Effect of OH, NH2 and OCH3 groups on the corrosion inhibition efficacy of three new 2,4,5-trisubstituted imidazole derivatives on mild steel in acidic solutions: Experimental, surface and DFT explorations

Abstract Three new imidazole derivatives namely,4-(4,5-bis(4-methoxyphenyl)-1H-imidazol-2-yl)phenol (IM1), 4-(4,5-bis(4-methoxyphenyl)-1H-imidazol-2-yl)benzenamine (IM2), 2,4,5-tris(4-methoxy phenyl)-1H-imidazole (IM3) were synthesized using microwave irradiation method. The noteworthy highlights of this method are safe reaction profiles, broad substrate scope, short run time, catalyst-free, excellent yields, economical, solvent-free, and simple workup conditions. The structural characterization of all the imidazole derivatives has been confirmed by 1HNMR and mass spectral techniques. The corrosion inhibition potential of all the imidazoles was explored using weight loss and electrochemical methods. The imidazole derivative (IM1) bearing a hydroxyl group exhibited maximum corrosion inhibition efficiency compared to other imidazoles (up to 96%).

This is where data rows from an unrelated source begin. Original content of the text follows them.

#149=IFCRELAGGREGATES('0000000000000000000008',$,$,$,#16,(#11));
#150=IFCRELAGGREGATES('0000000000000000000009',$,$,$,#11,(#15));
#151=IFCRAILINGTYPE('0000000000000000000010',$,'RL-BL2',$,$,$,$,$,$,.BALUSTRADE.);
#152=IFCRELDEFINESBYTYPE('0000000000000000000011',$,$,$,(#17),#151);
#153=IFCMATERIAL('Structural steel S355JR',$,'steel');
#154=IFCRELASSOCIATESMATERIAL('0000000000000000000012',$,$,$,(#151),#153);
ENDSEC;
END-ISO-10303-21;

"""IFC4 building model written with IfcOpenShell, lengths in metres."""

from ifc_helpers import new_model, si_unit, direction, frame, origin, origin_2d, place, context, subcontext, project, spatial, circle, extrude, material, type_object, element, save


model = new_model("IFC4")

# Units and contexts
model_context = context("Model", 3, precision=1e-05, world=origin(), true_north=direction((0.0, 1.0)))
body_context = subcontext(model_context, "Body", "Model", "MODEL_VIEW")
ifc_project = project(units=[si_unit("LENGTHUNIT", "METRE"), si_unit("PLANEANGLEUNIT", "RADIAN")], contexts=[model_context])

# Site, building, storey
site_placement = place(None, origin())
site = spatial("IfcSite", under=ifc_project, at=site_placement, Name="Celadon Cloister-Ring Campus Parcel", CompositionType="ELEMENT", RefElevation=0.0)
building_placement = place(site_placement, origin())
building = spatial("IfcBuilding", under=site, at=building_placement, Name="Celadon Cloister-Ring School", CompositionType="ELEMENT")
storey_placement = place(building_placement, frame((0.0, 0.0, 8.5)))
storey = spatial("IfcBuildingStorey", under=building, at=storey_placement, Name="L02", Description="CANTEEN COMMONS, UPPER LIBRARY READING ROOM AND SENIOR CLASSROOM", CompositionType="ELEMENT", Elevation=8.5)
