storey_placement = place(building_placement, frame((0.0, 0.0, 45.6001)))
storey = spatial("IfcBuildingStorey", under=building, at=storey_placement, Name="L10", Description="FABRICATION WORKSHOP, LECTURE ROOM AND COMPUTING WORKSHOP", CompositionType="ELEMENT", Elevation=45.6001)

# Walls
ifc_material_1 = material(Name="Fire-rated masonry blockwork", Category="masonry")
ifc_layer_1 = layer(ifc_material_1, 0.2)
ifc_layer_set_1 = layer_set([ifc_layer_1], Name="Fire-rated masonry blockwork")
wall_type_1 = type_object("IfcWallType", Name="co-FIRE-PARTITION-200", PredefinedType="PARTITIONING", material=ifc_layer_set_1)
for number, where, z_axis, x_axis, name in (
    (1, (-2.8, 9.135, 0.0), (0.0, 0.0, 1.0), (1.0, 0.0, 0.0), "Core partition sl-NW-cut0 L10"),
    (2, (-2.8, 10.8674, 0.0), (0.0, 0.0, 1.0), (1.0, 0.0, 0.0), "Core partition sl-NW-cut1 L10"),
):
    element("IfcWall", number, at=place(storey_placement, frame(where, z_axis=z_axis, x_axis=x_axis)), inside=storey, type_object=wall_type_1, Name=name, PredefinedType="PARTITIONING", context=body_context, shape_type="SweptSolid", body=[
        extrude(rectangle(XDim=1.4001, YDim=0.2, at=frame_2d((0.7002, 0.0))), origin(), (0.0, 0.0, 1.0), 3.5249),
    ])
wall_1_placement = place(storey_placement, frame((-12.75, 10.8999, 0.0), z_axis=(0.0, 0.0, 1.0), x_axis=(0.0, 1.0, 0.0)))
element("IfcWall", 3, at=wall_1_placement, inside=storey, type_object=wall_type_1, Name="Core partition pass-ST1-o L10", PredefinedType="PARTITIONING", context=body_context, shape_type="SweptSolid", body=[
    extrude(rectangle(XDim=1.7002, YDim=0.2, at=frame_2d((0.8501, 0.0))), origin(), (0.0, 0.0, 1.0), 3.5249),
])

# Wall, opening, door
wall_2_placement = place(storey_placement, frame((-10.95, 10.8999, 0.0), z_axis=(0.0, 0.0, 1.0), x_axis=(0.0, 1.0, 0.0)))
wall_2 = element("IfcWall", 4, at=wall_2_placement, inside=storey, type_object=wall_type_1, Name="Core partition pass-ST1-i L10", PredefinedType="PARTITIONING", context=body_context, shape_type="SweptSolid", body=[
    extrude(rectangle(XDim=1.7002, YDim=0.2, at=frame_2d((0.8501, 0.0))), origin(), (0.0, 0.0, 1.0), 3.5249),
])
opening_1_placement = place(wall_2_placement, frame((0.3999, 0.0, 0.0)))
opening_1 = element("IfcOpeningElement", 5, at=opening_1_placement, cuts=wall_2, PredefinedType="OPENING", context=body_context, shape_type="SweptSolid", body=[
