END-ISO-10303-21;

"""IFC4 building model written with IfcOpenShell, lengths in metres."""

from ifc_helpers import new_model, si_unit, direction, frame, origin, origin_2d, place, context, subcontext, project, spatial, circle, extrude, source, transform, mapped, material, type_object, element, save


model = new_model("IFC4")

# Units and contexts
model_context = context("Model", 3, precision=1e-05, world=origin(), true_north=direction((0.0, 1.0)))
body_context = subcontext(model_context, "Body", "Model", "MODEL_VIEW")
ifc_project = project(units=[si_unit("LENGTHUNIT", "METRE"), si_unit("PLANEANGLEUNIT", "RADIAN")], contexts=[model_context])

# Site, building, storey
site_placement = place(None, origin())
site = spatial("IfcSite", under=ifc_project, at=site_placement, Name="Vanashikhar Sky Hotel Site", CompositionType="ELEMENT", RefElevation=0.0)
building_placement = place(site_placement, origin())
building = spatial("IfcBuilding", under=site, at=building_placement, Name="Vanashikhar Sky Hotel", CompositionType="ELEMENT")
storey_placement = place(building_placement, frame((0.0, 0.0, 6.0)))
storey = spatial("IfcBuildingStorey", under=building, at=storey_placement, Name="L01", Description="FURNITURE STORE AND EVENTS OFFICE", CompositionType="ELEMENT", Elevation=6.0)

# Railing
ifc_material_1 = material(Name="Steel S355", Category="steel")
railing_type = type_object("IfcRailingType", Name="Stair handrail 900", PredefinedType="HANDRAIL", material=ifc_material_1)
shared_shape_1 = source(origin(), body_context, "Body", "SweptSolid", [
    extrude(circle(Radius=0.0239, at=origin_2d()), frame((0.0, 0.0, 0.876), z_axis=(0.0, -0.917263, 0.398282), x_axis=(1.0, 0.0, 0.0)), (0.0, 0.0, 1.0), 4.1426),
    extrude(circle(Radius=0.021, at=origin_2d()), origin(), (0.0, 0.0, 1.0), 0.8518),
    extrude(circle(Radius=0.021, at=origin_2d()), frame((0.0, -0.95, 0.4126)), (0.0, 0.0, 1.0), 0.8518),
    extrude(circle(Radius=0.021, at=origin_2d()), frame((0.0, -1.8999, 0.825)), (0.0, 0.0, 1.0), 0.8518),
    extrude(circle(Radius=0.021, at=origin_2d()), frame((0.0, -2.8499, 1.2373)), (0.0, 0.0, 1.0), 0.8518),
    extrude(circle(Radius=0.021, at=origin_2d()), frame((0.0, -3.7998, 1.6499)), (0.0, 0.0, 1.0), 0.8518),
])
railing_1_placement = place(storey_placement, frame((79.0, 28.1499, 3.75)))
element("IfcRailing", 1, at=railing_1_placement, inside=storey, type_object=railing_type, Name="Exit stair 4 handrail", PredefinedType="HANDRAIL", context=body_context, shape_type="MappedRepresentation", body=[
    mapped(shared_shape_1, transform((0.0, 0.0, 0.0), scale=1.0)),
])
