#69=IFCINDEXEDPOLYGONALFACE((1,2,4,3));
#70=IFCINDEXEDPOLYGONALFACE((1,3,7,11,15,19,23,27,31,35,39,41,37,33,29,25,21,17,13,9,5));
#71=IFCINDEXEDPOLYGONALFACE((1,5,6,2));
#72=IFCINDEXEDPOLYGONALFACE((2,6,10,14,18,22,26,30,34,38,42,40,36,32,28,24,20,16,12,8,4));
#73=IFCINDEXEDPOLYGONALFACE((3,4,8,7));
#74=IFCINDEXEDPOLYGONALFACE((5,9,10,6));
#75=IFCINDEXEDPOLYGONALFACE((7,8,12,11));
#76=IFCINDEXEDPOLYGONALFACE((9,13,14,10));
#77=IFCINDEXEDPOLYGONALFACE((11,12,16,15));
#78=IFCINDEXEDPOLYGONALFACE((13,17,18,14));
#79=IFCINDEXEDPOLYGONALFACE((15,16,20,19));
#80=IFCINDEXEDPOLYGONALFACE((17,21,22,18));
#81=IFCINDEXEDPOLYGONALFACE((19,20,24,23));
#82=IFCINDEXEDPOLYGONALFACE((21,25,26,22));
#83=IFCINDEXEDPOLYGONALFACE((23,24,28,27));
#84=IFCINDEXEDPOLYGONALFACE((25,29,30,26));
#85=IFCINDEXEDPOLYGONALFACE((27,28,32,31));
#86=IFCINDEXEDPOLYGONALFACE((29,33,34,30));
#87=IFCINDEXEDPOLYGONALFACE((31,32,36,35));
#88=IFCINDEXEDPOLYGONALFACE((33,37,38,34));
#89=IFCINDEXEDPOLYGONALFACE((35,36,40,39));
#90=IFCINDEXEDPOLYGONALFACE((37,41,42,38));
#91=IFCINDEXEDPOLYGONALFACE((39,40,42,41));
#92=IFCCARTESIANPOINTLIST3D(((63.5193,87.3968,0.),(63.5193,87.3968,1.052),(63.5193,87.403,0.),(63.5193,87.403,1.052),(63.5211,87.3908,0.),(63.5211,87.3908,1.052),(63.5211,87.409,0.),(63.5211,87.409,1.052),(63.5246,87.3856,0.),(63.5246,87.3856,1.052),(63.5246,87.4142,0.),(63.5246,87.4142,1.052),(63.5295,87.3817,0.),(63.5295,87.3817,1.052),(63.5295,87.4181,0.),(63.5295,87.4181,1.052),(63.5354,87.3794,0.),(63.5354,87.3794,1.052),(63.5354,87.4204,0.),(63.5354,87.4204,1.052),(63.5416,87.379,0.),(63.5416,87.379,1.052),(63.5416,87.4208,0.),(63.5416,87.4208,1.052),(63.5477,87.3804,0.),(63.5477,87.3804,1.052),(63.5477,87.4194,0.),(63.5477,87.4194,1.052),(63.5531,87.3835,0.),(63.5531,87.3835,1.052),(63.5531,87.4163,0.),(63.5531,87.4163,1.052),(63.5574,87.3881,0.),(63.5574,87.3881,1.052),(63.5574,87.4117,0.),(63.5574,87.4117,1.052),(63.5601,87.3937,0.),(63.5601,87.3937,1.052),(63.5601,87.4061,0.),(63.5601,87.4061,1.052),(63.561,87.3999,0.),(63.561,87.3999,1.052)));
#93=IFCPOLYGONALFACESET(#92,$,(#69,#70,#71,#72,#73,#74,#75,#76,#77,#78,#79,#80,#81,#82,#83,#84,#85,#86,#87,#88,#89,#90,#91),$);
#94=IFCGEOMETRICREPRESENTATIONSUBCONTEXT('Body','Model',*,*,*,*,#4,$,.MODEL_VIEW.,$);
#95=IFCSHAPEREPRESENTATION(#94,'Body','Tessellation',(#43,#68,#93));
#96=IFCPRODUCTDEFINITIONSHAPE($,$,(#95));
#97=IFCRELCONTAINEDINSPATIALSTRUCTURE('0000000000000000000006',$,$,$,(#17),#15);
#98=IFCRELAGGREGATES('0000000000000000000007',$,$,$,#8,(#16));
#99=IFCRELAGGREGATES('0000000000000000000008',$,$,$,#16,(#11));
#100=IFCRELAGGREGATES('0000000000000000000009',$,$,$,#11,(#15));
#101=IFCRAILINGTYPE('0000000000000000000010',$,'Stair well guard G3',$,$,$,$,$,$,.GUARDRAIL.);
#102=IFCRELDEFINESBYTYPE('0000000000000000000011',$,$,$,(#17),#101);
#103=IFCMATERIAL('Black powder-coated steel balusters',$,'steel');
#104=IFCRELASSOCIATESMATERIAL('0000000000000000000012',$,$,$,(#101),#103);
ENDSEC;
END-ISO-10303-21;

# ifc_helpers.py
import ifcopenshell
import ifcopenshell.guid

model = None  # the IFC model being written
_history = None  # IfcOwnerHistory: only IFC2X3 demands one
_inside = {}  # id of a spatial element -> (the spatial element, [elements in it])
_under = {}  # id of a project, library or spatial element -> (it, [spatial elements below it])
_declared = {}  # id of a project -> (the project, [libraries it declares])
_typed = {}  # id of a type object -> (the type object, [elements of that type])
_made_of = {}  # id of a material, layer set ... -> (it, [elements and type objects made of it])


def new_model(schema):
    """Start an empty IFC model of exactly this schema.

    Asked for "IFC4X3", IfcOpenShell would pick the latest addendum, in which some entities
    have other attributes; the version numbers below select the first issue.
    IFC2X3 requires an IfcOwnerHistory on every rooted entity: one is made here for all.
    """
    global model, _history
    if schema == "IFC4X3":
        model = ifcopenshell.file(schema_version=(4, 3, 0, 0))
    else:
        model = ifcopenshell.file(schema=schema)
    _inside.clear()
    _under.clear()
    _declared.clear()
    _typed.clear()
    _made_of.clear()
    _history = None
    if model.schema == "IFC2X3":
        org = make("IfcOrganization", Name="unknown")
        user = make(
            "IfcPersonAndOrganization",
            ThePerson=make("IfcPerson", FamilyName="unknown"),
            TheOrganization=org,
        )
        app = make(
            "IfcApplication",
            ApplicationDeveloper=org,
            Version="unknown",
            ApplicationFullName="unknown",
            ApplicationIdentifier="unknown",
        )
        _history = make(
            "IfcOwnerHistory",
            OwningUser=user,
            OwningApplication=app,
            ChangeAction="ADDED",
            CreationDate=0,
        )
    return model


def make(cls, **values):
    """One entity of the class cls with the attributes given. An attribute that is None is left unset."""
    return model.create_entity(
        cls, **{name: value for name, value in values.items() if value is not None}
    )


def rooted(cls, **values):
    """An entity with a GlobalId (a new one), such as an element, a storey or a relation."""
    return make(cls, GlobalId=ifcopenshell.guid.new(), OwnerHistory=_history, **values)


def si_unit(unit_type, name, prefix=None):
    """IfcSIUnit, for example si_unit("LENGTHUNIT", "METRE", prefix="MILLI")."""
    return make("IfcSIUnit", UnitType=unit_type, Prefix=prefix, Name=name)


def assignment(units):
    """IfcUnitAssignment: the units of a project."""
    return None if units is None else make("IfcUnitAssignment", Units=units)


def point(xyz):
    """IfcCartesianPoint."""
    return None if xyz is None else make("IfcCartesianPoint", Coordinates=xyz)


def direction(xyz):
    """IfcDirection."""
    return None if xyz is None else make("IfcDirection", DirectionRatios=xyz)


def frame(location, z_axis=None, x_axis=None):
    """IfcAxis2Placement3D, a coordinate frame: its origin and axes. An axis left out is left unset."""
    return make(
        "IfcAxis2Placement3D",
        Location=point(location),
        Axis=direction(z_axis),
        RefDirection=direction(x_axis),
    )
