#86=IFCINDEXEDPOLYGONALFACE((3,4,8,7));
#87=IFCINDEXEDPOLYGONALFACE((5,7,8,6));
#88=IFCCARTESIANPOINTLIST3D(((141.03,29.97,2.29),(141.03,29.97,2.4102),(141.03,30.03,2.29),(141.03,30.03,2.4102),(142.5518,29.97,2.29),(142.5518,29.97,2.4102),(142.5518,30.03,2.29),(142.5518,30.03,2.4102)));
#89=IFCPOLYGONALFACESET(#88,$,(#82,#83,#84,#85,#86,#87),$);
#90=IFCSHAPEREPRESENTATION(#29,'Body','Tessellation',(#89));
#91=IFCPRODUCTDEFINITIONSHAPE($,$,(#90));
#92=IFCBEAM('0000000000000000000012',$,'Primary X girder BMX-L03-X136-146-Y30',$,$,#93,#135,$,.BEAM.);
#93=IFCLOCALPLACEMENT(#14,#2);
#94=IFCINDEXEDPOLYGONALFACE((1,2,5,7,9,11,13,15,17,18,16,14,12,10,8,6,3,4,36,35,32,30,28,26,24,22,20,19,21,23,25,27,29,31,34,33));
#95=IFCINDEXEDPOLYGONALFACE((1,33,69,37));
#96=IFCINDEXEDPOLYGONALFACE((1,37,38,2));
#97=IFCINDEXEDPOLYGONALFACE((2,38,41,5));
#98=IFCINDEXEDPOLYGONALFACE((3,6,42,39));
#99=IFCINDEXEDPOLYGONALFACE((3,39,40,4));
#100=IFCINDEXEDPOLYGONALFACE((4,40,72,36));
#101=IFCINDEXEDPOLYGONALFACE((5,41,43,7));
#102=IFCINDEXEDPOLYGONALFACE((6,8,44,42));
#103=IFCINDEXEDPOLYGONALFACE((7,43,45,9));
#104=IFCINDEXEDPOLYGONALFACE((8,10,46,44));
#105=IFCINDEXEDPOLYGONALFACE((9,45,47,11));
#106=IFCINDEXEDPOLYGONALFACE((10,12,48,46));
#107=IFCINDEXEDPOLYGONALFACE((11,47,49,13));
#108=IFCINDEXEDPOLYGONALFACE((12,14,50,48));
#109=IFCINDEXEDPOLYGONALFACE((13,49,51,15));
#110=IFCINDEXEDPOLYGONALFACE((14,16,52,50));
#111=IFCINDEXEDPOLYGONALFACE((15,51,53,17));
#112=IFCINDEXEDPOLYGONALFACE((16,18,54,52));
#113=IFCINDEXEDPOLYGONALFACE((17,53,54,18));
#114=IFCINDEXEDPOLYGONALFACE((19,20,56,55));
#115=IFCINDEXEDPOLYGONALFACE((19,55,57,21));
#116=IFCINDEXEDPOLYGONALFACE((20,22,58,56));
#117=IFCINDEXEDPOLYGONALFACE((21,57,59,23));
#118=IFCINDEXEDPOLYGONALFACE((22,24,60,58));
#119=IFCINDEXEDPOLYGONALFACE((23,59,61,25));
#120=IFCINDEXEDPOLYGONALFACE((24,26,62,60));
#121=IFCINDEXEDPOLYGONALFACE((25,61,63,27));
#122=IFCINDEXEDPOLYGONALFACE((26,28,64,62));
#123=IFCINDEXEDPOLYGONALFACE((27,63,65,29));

Strong adsorption of studied imidazole molecules followed the Langmuir model with very good correlation coefficients. The calculated Gibbs free energy of adsorption values suggested the mixed type of adsorption (physisorption and chemisorption). The polarization measurements indicated studied imidazole derivatives as mixed types of corrosion inhibitors. Further, scanning electron microscopy (SEM), XPS and XRD were performed to study the surface morphology of Mild steel (MS) surface. Quantum chemical calculations (DFT) was used to prove the obtained inhibition efficiencies (η %).